Prof. Dr. Walter Horst

Position
Emeritus/Retired Professors
Institute of Plant Nutrition

Main research areas

Emeritus Prof. Horst has significantly influenced the Plant Nutrition in Germany and promoted its international orientation. He worked on a wide range of research topics which may be characterized by the term “Increasing nutrient efficiency and resistance against toxic mineral elements”. As wide as the selection of topics were also the methodological approaches which ranged from field trials to techniques of molecular biology.

His main research area to which he remained true since his time as a graduate student, was the damage to plants by aluminium and manganese in acid soils. He has studied the importance of other minerals for manganese and aluminum tolerance, as well as the impact of plant characteristics and mechanisms to adapt to manganese and aluminum stress. Understanding these mechanisms is the basis for the screening of genotypes with high toxic mineral element tolerance or resistance. Some examples of major findings from his work in this area are: the impact of silicon on manganese tolerance, the importance of mucilage for aluminum resistance, extent of formation of callose in aluminum stress, or the release of organic anions under aluminum stress and the role of the root and leaf apoplast, respectively, for the damage of plants by aluminum or manganese.

Other important and extensive research areas by Mr. Horst have been studies aiming at understanding and influencing the phosphate efficiency and nitrogen efficiency of plants. They ranged from studies on the nutrient uptake to the development of models for nutrient utilization by plants. The practical implications of this work were both the objective to increase yields under Low Input Conditions and to minimize adverse environmental effects under High Input Conditions. In his research in recent years Mr. Horst also approached issues on the relationship between Plant Nutrition and drought stress and Plant Nutrition and plant health.

Curriculum vitae

  • Professional backgroud

    Professor Horst was born in Datteln in Westphalia. After graduating from high school and in military service, he studied agricultural sciences at the Technical University of Berlin, where he received his doctorate in 1976 with Professor Marschner with a thesis on the influence of silicon on the manganese tolerance of bush beans. He then worked as a postdoc at the International Institute of Tropical Agriculture in Ibadan, Nigeria, for two years. As far as I can tell, the experience of the living conditions there, which are much more difficult than us, have shaped Mr. Horst's further scientific career and has been the driving force behind many of the research projects he has carried out.

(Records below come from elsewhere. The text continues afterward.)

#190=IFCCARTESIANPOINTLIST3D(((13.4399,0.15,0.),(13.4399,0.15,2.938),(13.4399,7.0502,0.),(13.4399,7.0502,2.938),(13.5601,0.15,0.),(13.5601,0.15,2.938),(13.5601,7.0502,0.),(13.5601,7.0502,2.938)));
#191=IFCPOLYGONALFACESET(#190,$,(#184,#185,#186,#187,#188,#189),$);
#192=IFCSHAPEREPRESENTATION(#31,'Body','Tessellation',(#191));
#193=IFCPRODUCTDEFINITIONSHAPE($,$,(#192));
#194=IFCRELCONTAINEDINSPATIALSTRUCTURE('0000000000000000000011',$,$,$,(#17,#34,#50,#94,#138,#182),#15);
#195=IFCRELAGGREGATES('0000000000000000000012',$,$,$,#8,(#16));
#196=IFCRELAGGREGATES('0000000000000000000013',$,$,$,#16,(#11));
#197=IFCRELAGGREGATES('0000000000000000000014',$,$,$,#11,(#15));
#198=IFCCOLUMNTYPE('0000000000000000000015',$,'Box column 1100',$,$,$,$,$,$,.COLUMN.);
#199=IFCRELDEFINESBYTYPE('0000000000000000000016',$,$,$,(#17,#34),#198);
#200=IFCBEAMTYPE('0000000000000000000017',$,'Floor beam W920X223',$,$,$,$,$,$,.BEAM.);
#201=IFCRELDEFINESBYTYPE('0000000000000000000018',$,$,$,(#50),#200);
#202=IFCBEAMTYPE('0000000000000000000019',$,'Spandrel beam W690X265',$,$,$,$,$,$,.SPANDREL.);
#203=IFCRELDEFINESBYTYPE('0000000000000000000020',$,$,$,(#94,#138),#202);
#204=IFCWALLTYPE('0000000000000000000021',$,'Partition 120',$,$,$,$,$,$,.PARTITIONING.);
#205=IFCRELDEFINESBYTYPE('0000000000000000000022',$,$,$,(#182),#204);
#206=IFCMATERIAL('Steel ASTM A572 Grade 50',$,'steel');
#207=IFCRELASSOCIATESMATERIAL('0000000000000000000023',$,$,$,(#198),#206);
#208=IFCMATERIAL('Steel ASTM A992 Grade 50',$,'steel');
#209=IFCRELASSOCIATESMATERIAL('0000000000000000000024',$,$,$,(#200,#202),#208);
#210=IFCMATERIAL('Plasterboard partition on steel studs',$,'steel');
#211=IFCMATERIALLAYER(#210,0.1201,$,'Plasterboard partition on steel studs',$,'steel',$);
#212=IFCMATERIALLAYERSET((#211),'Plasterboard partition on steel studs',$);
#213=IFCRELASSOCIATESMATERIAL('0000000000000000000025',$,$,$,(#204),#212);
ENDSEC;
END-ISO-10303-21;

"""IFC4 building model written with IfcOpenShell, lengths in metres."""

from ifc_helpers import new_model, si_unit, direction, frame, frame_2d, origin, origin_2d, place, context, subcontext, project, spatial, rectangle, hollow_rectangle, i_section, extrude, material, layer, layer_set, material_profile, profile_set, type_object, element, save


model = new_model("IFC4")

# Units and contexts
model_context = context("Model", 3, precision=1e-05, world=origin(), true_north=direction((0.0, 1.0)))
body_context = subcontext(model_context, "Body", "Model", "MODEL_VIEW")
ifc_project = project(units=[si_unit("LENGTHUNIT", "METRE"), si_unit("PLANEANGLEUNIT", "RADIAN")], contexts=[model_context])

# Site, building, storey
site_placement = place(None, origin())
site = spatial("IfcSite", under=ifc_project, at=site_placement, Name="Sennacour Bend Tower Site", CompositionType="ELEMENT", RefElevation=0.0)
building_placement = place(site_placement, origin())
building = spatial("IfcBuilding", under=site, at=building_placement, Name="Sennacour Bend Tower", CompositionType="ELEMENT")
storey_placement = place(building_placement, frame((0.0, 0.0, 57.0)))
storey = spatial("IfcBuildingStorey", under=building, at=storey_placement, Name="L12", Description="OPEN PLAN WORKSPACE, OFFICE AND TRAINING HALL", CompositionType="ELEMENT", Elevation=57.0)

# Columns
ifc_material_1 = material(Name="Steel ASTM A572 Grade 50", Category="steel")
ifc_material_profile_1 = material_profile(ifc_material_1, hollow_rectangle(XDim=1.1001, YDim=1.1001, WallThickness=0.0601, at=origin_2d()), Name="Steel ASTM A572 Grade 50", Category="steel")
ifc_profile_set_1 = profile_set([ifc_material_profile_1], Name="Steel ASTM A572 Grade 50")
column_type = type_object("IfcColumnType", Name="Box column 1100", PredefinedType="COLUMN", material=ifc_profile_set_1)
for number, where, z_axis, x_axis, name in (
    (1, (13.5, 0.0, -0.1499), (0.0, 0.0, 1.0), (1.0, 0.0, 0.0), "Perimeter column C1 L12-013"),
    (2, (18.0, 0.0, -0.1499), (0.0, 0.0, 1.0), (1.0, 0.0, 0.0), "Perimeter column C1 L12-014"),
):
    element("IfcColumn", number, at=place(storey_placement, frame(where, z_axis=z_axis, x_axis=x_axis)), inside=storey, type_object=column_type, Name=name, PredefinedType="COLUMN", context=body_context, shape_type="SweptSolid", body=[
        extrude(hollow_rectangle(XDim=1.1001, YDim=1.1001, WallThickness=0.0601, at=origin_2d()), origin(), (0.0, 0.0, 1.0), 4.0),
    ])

    In 1978 he returned to Germany, to the Institute for Plant Nutrition in Hohenheim, where his teacher, Professor Marschner, had in the meantime accepted a call.

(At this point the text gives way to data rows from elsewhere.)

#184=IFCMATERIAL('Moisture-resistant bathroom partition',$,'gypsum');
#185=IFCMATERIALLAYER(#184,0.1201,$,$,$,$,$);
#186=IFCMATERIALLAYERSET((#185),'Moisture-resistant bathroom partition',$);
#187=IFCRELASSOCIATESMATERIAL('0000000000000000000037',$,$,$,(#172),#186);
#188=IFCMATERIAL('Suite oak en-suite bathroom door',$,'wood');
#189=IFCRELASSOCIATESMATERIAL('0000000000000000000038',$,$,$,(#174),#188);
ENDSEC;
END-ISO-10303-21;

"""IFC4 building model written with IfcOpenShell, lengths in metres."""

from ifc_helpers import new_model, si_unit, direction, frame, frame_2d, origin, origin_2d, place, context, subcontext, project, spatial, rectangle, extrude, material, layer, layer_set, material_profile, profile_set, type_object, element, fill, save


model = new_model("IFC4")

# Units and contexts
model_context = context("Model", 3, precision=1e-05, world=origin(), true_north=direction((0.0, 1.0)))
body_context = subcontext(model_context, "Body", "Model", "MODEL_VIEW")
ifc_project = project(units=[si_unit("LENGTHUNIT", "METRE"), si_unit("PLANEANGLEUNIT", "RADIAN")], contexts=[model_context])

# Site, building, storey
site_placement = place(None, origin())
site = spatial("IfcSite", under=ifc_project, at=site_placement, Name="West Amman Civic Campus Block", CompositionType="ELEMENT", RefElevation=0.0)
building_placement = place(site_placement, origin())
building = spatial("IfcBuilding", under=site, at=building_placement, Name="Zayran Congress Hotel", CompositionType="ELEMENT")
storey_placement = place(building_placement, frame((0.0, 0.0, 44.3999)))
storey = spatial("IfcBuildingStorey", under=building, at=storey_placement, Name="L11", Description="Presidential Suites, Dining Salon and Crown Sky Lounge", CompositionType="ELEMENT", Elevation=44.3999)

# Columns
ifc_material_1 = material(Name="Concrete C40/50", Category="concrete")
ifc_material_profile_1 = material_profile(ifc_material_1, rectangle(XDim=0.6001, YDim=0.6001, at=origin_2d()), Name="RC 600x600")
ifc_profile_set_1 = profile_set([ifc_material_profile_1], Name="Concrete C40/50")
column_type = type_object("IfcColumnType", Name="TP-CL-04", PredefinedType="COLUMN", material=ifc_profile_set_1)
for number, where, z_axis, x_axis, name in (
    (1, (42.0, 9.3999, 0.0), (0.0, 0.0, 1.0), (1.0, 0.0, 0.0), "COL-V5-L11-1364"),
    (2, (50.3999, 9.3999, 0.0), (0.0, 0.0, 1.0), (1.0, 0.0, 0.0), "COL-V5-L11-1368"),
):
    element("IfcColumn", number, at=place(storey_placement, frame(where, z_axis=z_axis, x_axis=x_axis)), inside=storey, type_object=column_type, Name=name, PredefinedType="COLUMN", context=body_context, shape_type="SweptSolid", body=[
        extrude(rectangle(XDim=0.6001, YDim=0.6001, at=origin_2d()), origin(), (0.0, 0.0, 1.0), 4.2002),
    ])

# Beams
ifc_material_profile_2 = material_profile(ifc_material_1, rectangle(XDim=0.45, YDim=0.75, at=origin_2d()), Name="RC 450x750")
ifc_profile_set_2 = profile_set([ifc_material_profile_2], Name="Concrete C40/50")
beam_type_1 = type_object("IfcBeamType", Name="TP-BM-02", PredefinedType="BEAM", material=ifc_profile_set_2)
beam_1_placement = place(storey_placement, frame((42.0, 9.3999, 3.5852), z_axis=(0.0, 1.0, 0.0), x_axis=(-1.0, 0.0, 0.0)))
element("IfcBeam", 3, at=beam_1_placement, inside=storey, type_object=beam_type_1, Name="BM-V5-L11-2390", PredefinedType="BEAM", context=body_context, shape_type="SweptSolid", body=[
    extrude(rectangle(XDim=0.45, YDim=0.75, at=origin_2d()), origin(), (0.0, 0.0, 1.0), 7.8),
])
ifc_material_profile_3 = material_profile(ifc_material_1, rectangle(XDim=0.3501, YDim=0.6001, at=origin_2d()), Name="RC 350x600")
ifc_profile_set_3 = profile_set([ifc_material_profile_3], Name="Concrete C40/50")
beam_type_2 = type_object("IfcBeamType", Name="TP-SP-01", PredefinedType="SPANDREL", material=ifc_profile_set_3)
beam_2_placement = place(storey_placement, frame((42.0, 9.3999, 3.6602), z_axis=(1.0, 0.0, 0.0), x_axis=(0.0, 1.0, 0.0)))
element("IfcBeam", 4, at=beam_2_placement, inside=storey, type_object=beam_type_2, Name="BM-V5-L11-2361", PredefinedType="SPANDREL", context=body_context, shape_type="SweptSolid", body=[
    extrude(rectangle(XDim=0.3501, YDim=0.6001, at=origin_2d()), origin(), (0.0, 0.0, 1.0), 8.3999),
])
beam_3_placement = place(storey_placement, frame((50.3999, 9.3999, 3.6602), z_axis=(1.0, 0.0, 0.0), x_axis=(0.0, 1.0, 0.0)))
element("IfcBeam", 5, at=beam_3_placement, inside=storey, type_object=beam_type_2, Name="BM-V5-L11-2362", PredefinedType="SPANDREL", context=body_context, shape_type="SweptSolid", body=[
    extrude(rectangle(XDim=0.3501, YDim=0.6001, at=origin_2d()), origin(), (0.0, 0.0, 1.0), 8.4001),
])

    There, in 1980, Mr. Horst habilitated with a thesis on "Genotypical differences in aluminium and manganese tolerance in cowpea and soya". This was followed by a call to the C3 professorship for plant nutrition in Hohenheim, which he held from 1981 to 1987. From 1987 to 2011, Mr. Horst  finally took over the chair of plant nutrition at the Leibniz University of Hanover in place of Mr. Wehrmann.

  • Memberships and Authorities

    Mr Horst has accompanied numerous national and international honorary offices, the listing of which would go beyond the scope. I would just like to mention the chairmanship of the German Society for Plant Nutrition from 1993 to 1997 and the Presidency of the International Plant Nutrition Council from 1997 to 2001. In this capacity, he hosted the renowned "International Plant Nutrition Colloquium" with the University of Hanover in 2001. Since 2003 he has been a member of the Scientific Advisory Board for Fertilization Issues of the BMELV, and since 2008 its chairman. Under his aegis, numerous opinions have been prepared on the efficient, environmentally and resource-saving use of fertilisers, most recently a joint opinion of the scientific advisory councils on agricultural policy and fertilisation issues of the BMELV and the Federal Government's Council of Experts on Environmental Issues on the amendment of the Fertilisation Ordinance.